6. Sound Masking and Adaptive Volume Control: Closing the Performance Gap
Here is a reality that experienced office acousticians encounter regularly: a space can meet RT60, NC, and STI targets on paper — and still fail in use. Research published in MDPI (2018) confirmed that open-plan offices without sound masking frequently fall short of speech privacy goals even when passive acoustic metrics are nominally acceptable. This is where active acoustic systems become an essential specification element, not an optional add-on.
Sound masking introduces a calibrated broadband background signal — typically shaped to a modified speech spectrum — that elevates the ambient noise floor in a controlled, comfortable way. The result is a measurable reduction in speech intelligibility at distance, improved concentration, and greater perceived privacy without relying solely on physical barriers.
Critically, static masking levels are not sufficient in dynamic office environments. Occupancy shifts throughout the day, HVAC output varies with load, and noise profiles change between a quiet morning and a busy afternoon. Adaptive volume control systems automatically adjust masking output in real time in response to ambient conditions — ensuring that the designed acoustic environment is actually delivered consistently, across the full working day. This closes the gap between measured performance and lived experience, which is ultimately what clients are paying for.
Putting the Metrics Together
Effective office acoustic design is not a single-metric exercise. RT60 establishes spatial character, NC sets the noise floor baseline, STI quantifies the clarity-privacy balance, and NRC drives material specification. Advanced metrics like C50 and EDT add diagnostic precision for complex projects. Sound masking — particularly with adaptive volume control — is the layer that ensures those measurements translate into consistent, real-world performance. Used together, these parameters give acousticians the objective evidence to prove a design works, defend specification decisions, and deliver environments where people can actually think.
References
ISO 3382-3:2022 — Acoustics: Measurement of room acoustic parameters in open-plan offices.
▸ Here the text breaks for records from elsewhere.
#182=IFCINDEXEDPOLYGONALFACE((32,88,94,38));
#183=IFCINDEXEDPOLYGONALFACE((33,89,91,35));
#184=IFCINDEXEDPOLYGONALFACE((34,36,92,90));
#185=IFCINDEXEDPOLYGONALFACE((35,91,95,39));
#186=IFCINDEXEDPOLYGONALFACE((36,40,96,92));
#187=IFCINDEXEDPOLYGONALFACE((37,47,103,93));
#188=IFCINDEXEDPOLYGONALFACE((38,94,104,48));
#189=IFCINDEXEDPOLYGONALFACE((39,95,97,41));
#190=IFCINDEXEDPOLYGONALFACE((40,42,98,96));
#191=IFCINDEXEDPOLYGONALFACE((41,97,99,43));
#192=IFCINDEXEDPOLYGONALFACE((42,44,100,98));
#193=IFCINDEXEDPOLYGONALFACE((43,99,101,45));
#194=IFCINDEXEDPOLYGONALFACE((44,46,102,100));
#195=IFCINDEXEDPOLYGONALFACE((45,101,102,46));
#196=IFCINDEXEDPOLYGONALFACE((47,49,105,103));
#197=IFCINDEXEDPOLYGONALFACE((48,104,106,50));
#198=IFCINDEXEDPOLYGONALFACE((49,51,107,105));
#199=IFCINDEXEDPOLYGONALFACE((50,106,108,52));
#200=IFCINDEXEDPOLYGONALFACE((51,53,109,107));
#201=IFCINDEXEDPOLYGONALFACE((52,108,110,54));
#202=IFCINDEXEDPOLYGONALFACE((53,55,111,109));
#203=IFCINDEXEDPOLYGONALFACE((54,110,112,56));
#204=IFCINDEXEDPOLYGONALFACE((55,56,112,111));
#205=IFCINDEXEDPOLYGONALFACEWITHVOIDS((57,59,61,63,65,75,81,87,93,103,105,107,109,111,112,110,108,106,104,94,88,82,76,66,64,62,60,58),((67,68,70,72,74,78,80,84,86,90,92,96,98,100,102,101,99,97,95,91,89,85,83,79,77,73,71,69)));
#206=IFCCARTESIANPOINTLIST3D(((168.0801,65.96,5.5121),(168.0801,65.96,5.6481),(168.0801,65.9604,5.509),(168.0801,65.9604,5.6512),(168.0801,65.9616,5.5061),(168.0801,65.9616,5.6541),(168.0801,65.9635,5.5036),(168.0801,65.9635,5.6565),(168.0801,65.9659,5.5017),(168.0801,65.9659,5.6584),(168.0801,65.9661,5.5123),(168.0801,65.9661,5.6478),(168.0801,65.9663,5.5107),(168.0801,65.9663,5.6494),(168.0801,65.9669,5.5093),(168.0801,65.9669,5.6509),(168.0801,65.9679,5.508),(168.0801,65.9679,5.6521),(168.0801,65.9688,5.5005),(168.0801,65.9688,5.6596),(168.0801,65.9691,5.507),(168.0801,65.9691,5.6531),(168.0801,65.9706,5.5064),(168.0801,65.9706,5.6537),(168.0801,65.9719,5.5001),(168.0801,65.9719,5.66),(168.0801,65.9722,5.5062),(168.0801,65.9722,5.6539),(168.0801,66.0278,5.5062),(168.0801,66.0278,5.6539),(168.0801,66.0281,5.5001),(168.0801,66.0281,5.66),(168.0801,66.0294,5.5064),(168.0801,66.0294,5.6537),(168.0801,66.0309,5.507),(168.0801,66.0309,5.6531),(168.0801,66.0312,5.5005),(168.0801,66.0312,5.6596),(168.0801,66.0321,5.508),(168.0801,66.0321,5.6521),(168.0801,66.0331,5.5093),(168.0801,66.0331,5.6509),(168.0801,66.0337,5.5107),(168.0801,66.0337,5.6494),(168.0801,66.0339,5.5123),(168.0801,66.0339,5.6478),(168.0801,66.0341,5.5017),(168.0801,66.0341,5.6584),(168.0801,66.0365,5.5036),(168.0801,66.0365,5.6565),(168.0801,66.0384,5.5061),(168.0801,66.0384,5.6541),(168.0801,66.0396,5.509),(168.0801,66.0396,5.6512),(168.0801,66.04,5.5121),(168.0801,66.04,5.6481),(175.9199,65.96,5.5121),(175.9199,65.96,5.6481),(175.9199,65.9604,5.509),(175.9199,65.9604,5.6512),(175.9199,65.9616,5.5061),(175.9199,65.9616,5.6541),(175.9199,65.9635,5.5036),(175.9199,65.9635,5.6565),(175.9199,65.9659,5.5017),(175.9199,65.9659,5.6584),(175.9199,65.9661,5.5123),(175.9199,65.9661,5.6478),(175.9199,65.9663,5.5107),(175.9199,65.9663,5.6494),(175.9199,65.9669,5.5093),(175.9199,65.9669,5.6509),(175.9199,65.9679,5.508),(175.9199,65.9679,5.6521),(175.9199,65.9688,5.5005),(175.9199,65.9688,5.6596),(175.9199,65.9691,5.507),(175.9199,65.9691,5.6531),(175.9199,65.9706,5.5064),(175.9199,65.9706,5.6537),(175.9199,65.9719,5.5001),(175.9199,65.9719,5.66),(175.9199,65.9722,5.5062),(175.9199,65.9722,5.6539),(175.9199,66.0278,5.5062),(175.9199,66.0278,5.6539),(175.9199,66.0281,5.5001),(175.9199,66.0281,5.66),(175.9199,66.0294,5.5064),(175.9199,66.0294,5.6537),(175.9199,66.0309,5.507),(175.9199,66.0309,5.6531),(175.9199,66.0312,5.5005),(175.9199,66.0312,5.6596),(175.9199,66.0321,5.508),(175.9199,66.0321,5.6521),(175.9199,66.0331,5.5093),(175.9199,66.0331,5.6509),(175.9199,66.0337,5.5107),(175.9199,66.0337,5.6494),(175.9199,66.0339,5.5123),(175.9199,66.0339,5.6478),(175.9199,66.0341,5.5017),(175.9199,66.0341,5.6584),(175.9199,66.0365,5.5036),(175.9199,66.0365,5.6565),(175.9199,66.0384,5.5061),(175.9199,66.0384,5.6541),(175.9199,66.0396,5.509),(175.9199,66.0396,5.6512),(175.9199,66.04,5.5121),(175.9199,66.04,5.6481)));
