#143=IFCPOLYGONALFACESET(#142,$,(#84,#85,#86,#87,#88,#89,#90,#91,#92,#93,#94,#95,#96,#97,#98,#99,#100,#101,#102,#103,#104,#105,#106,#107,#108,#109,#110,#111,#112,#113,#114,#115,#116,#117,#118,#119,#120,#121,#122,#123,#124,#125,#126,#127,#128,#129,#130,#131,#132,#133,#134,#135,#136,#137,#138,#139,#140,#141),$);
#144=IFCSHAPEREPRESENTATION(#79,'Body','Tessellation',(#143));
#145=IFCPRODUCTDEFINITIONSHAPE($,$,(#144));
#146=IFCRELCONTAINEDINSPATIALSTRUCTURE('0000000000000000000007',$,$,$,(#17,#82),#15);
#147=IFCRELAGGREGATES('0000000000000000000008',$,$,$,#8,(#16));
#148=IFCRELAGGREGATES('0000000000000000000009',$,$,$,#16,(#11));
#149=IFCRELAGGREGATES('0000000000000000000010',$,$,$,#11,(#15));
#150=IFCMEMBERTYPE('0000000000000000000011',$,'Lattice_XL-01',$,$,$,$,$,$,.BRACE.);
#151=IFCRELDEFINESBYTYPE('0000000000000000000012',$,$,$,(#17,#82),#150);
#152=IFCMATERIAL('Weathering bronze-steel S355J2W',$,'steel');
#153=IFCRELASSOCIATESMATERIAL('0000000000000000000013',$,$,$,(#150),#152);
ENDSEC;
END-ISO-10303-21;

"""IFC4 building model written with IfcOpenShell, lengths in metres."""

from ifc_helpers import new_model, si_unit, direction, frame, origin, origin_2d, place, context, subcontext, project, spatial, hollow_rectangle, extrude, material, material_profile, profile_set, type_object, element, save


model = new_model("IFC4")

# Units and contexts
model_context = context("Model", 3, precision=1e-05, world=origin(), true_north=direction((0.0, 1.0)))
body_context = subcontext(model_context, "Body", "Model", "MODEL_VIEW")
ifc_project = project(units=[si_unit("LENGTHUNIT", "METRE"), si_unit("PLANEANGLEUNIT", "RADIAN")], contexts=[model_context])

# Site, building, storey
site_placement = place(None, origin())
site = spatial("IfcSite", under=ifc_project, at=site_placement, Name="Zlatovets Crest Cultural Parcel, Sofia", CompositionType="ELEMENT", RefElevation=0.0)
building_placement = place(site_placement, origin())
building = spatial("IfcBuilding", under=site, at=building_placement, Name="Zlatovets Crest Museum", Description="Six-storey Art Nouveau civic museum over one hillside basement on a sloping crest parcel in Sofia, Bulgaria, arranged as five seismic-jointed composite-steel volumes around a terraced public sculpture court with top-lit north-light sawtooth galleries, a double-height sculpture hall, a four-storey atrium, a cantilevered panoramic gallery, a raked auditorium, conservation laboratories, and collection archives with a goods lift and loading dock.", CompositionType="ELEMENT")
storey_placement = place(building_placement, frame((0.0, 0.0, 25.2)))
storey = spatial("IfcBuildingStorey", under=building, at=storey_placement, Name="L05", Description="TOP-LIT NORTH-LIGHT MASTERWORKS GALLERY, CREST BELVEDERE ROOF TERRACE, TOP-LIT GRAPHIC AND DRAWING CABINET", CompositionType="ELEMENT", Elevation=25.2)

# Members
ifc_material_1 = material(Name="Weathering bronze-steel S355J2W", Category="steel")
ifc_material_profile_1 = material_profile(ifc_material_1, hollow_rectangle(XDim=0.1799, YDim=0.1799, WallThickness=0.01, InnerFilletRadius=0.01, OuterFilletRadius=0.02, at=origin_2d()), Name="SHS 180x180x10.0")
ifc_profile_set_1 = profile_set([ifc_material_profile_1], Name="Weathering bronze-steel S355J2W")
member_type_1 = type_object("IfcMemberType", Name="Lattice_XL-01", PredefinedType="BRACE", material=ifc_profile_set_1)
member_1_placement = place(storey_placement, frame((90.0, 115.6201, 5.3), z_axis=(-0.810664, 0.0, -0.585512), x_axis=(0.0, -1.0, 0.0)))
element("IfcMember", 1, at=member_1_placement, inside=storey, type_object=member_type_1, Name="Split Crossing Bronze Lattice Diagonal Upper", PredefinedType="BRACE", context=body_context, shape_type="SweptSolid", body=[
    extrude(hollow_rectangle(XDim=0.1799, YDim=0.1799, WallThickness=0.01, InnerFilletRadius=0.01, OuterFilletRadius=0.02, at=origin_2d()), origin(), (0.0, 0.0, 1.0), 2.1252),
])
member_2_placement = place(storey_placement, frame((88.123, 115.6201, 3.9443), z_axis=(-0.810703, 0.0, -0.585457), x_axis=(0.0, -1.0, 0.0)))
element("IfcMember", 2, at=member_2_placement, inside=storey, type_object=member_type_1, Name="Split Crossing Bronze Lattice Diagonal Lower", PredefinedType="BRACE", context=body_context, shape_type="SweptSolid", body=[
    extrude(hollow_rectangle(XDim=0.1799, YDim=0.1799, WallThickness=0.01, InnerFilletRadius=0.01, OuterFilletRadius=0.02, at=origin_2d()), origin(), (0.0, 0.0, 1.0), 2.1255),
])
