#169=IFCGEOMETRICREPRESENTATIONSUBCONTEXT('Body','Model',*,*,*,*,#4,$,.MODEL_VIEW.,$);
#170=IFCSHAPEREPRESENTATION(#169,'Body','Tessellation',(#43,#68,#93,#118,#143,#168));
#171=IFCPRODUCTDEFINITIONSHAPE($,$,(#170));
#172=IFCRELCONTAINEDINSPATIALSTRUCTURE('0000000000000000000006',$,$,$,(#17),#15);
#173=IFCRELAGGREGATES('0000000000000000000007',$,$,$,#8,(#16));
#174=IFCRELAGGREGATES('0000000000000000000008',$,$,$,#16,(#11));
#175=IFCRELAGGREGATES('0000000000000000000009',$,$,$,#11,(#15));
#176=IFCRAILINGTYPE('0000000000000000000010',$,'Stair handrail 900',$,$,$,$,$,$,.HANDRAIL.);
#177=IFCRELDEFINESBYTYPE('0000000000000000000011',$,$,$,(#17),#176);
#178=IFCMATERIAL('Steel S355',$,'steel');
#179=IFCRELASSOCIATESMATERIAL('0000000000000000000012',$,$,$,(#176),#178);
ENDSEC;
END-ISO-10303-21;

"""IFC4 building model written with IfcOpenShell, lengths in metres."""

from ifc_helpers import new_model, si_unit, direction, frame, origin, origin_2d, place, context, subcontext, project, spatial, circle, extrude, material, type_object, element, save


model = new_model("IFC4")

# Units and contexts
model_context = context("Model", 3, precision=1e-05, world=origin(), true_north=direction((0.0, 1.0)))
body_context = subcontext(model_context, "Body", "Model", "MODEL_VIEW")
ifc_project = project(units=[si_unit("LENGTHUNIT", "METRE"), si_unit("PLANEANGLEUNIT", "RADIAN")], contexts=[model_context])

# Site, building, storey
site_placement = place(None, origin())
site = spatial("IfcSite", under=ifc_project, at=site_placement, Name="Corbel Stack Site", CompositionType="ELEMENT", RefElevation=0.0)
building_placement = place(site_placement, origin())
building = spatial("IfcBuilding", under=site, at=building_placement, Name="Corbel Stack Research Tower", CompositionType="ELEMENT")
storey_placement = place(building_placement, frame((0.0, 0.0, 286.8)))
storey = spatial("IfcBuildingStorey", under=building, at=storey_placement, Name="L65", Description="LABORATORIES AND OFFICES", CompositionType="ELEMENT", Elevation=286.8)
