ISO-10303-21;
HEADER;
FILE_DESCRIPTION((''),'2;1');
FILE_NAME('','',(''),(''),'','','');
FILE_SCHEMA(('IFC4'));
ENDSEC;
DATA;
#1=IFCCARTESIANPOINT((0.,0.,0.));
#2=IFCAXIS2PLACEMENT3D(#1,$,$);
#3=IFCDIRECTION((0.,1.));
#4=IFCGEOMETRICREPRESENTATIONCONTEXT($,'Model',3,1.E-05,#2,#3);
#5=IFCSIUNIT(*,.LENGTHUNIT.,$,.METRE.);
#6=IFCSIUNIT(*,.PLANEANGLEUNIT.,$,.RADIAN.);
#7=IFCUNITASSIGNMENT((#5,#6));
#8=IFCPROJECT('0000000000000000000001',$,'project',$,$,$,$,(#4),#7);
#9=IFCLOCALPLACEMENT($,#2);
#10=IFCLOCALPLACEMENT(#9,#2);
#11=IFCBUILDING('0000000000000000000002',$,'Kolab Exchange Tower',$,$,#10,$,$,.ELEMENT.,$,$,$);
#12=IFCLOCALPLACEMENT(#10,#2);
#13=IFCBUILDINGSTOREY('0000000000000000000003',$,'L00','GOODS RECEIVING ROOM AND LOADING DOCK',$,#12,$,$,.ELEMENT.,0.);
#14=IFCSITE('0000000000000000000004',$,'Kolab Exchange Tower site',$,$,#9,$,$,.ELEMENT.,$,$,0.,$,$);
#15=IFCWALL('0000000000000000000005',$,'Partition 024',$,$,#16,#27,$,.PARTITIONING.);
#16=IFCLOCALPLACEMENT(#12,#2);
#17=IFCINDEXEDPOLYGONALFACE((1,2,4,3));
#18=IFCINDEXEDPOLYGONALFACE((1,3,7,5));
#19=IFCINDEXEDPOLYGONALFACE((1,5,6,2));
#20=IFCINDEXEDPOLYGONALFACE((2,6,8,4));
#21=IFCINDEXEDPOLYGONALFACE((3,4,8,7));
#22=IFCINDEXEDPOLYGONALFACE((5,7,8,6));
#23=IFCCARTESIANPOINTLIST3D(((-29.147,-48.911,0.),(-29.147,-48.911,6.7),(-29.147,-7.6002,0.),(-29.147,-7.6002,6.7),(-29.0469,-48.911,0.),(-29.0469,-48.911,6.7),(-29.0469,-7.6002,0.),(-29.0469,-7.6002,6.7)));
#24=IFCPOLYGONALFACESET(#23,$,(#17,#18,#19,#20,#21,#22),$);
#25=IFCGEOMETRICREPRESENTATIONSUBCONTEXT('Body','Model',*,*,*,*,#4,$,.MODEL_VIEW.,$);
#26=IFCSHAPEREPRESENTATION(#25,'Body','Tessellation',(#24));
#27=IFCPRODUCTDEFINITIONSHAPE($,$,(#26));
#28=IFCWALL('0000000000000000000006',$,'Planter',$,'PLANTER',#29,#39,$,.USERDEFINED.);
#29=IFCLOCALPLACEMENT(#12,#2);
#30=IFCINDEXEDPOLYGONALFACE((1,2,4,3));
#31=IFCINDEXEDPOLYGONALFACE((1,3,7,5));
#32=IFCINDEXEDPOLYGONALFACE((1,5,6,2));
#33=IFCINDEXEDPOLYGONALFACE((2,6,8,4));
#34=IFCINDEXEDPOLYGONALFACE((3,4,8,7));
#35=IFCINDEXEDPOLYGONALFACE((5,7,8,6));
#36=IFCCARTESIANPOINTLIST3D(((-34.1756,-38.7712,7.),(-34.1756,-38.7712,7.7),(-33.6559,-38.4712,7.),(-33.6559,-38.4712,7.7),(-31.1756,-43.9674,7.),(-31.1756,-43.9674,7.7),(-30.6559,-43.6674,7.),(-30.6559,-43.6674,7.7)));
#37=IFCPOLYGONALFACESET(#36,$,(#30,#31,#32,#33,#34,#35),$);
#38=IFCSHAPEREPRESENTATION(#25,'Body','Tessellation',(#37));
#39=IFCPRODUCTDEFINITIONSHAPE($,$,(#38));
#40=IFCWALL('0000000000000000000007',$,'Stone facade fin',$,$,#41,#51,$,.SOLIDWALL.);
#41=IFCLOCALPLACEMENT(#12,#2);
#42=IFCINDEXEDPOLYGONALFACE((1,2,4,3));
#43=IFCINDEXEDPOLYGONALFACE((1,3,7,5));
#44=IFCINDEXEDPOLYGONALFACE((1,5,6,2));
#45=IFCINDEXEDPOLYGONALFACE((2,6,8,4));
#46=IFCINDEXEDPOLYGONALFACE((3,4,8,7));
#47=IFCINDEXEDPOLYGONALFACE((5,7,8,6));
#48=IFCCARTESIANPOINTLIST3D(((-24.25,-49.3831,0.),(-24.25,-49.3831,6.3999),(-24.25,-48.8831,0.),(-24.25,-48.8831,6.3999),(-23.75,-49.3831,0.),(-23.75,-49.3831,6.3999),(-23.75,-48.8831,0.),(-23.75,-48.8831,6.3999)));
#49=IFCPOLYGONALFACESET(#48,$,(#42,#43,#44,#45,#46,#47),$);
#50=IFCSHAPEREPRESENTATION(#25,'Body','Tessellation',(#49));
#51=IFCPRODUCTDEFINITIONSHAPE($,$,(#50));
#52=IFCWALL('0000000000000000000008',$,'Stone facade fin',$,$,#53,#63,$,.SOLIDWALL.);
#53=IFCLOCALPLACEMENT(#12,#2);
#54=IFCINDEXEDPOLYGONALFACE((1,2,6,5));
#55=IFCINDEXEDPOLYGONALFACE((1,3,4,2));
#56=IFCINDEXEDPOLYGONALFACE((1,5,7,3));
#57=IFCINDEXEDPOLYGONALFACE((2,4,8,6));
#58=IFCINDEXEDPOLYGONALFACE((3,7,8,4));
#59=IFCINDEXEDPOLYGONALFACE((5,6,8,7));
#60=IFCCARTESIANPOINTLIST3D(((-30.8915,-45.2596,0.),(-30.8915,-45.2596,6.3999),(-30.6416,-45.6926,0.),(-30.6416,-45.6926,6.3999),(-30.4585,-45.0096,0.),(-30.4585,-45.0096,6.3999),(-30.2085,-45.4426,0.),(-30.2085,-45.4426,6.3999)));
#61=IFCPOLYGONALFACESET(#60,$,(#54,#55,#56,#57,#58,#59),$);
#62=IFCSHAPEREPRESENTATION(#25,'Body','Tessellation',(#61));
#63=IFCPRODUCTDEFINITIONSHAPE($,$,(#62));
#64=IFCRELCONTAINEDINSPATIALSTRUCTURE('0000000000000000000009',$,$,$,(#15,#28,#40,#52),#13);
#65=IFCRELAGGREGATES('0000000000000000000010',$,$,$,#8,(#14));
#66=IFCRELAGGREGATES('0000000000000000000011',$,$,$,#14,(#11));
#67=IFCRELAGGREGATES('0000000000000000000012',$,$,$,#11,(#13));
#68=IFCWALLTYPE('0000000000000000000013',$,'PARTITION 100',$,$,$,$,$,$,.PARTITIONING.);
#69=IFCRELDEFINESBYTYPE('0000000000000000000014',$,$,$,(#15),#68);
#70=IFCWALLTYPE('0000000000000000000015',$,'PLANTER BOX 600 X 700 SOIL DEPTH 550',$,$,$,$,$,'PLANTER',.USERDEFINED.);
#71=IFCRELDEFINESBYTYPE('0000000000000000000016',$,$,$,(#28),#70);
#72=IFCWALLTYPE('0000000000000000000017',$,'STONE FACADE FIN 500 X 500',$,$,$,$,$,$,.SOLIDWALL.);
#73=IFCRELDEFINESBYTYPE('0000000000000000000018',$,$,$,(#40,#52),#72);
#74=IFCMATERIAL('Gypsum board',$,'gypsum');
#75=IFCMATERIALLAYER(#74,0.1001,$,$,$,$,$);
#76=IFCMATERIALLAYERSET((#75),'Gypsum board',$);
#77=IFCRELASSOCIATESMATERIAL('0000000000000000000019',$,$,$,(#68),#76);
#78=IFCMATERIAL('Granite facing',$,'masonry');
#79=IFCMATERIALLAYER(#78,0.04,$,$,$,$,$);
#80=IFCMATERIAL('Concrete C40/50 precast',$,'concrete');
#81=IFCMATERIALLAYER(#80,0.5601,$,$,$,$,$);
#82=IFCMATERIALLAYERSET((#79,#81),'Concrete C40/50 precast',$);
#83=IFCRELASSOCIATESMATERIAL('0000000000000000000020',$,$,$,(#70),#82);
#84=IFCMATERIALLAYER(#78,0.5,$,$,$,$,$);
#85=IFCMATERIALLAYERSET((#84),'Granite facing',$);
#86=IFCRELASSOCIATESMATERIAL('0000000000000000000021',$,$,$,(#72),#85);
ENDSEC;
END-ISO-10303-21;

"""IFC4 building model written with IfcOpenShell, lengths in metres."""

from ifc_helpers import new_model, si_unit, direction, frame, frame_2d, origin, place, context, subcontext, project, spatial, rectangle, extrude, material, layer, layer_set, type_object, element, save


model = new_model("IFC4")

# Units and contexts
model_context = context("Model", 3, precision=1e-05, world=origin(), true_north=direction((0.0, 1.0)))
body_context = subcontext(model_context, "Body", "Model", "MODEL_VIEW")
ifc_project = project(units=[si_unit("LENGTHUNIT", "METRE"), si_unit("PLANEANGLEUNIT", "RADIAN")], contexts=[model_context])

# Site, building, storey
site_placement = place(None, origin())
site = spatial("IfcSite", under=ifc_project, at=site_placement, Name="Kolab Exchange Tower site", CompositionType="ELEMENT", RefElevation=0.0)
building_placement = place(site_placement, origin())
building = spatial("IfcBuilding", under=site, at=building_placement, Name="Kolab Exchange Tower", CompositionType="ELEMENT")
storey_placement = place(building_placement, origin())
storey = spatial("IfcBuildingStorey", under=building, at=storey_placement, Name="L00", Description="GOODS RECEIVING ROOM AND LOADING DOCK", CompositionType="ELEMENT", Elevation=0.0)

# Walls
ifc_material_1 = material(Name="Gypsum board", Category="gypsum")
ifc_layer_1 = layer(ifc_material_1, 0.1001)
ifc_layer_set_1 = layer_set([ifc_layer_1], Name="Gypsum board")
wall_type_1 = type_object("IfcWallType", Name="PARTITION 100", PredefinedType="PARTITIONING", material=ifc_layer_set_1)
wall_1_placement = place(storey_placement, frame((-29.0969, -48.9109, 0.0), z_axis=(0.0, 0.0, 1.0), x_axis=(0.0, 1.0, 0.0)))
element("IfcWall", 1, at=wall_1_placement, inside=storey, type_object=wall_type_1, Name="Partition 024", PredefinedType="PARTITIONING", context=body_context, shape_type="SweptSolid", body=[
    extrude(rectangle(XDim=41.3108, YDim=0.1001, at=frame_2d((20.6553, 0.0))), origin(), (0.0, 0.0, 1.0), 6.7),
])
ifc_material_2 = material(Name="Granite facing", Category="masonry")
ifc_layer_2 = layer(ifc_material_2, 0.04)
ifc_material_3 = material(Name="Concrete C40/50 precast", Category="concrete")
ifc_layer_3 = layer(ifc_material_3, 0.5601)
ifc_layer_set_2 = layer_set([ifc_layer_2, ifc_layer_3], Name="Concrete C40/50 precast")
wall_type_2 = type_object("IfcWallType", Name="PLANTER BOX 600 X 700 SOIL DEPTH 550", ElementType="PLANTER", PredefinedType="USERDEFINED", material=ifc_layer_set_2)
wall_2_placement = place(storey_placement, frame((-30.9158, -43.8174, 7.0), z_axis=(0.0, 0.0, 1.0), x_axis=(-0.49999, 0.866031, 0.0)))
element("IfcWall", 2, at=wall_2_placement, inside=storey, type_object=wall_type_2, Name="Planter", ObjectType="PLANTER", PredefinedType="USERDEFINED", context=body_context, shape_type="SweptSolid", body=[
    extrude(rectangle(XDim=6.0, YDim=0.6001, at=frame_2d((3.0, 0.0))), origin(), (0.0, 0.0, 1.0), 0.7),
])
ifc_layer_4 = layer(ifc_material_2, 0.5)
ifc_layer_set_3 = layer_set([ifc_layer_4], Name="Granite facing")
wall_type_3 = type_object("IfcWallType", Name="STONE FACADE FIN 500 X 500", PredefinedType="SOLIDWALL", material=ifc_layer_set_3)
for number, where, z_axis, x_axis, name in (
    (3, (-23.75, -49.1331, 0.0), (0.0, 0.0, 1.0), (-1.0, 0.0, 0.0), "Stone facade fin"),
    (4, (-30.425, -45.5676, 0.0), (0.0, 0.0, 1.0), (-0.49992, 0.866072, 0.0), "Stone facade fin"),
):
    element("IfcWall", number, at=place(storey_placement, frame(where, z_axis=z_axis, x_axis=x_axis)), inside=storey, type_object=wall_type_3, Name=name, PredefinedType="SOLIDWALL", context=body_context, shape_type="SweptSolid", body=[
        extrude(rectangle(XDim=0.5, YDim=0.5, at=frame_2d((0.25, 0.0))), origin(), (0.0, 0.0, 1.0), 6.3999),
    ])

save(model, "model.ifc")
WELL Building Standard v2, Feature 72 (Acoustic Design) — International WELL Building Institute (IWBI).
ANSI/ASA S12.60-2010 — Acoustical Performance Criteria, Design Requirements, and Guidelines for Schools.
IEC 60268-16:2020 — Sound System Equipment: Objective Rating of Speech Intelligibility by the Speech Transmission Index.
Haapakangas, A. et al. (2018). "Effects of sound masking on workers in open-plan offices." MDPI Applied Sciences.
ekko Acoustics — RT60 and Speech Clarity in Commercial Interiors (technical guidance).
IBA Online — Noise Criteria (NC) Curves and workplace acoustic comfort targets.